# App mit 2 Seiten



## thomas.hellster (22. Apr 2012)

Hallo zusammen

Ich versuche ein App zu entwickeln das 2 Seiten hat.
Beim testen stürzt das Programm in der DVM ab.

Hat jemand eine Jdee, woran das liegen könnte.  (Aufruf aCTION_DIAL funktioniert)

[Java]
@Override
public void onClick(View v) {
     if(v == btn1){
	// 2. Activity starten
	Intent intent = new Intent(this.getApplicationContext(), Test2Activity.class);		startActivity(intent);
      }else if(v == btn2){
	Intent intent = new Intent(Intent.ACTION_DIAL);
	startActivity(intent);
      }
}
[/Java]


Gruss
Thomas


----------



## Tomate_Salat (22. Apr 2012)

Ist die Test2Activty im Manifest registriert?
Ansonsten: Fehlermeldung posten


----------



## Hellster (23. Apr 2012)

Die 2. Seite ist in der Manifetsdatei eingetragen, ist das richtig so?
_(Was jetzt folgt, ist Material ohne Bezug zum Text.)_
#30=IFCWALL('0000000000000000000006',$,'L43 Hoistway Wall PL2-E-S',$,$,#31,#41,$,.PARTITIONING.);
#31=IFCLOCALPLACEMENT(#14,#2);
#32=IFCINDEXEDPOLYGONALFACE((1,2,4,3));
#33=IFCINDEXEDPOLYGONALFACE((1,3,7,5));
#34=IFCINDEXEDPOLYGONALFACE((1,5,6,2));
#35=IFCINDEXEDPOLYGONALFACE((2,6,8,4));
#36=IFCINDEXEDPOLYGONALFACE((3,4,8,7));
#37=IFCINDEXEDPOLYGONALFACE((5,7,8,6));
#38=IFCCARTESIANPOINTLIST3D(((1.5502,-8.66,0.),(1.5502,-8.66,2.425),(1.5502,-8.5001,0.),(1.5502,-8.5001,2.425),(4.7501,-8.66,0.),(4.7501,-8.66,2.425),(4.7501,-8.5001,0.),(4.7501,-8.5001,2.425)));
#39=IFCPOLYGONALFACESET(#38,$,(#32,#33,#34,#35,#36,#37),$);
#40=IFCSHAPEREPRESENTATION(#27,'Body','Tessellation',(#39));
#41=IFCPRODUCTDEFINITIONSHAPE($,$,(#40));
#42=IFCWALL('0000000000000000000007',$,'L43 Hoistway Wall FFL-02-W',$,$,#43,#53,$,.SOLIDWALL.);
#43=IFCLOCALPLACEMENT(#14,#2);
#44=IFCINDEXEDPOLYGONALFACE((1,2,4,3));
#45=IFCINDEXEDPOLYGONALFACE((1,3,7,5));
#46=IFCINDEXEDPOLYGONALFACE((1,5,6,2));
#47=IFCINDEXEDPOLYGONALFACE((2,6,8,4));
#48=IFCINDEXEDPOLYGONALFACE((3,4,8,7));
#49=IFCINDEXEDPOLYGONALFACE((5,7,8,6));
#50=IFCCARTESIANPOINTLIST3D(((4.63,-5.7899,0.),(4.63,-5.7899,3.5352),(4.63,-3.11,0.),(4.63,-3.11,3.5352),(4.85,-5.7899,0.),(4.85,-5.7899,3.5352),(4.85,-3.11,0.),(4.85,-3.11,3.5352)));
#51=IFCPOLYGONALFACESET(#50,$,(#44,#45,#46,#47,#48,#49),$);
<?xml version="1.0" encoding="utf-8"?>
<manifest xmlns:android="http://schemas.android.com/apk/res/android"
    package="ch.datax"
    android:versionCode="1"
    android:versionName="1.0" >
    <uses-sdk android:minSdkVersion="10" />

    <application
        android:icon="@drawable/ic_launcher"
        android:label="@string/app_name"
        android:debuggable="true">
        <activity
            android:name=".activity1"
            android:label="@string/app_name" >
            <intent-filter>
                <action android:name="android.intent.action.MAIN" />
                <category android:name="android.intent.category.LAUNCHER" />
            </intent-filter>
        </activity>
        <activity
            android:name="ch.datax.activity2">
        </activity>
    </application>
</manifest>


----------



## Tomate_Salat (23. Apr 2012)

So wie du es hast, sucht die App afaik nach folgender Activity:
[c]ch.datax.cha.datax.activity2[/c]

Android geht hier relativ vom Paket aus, welches du als Manifest-Attribut eingetragen hast: [c]package="ch.datax"[/c]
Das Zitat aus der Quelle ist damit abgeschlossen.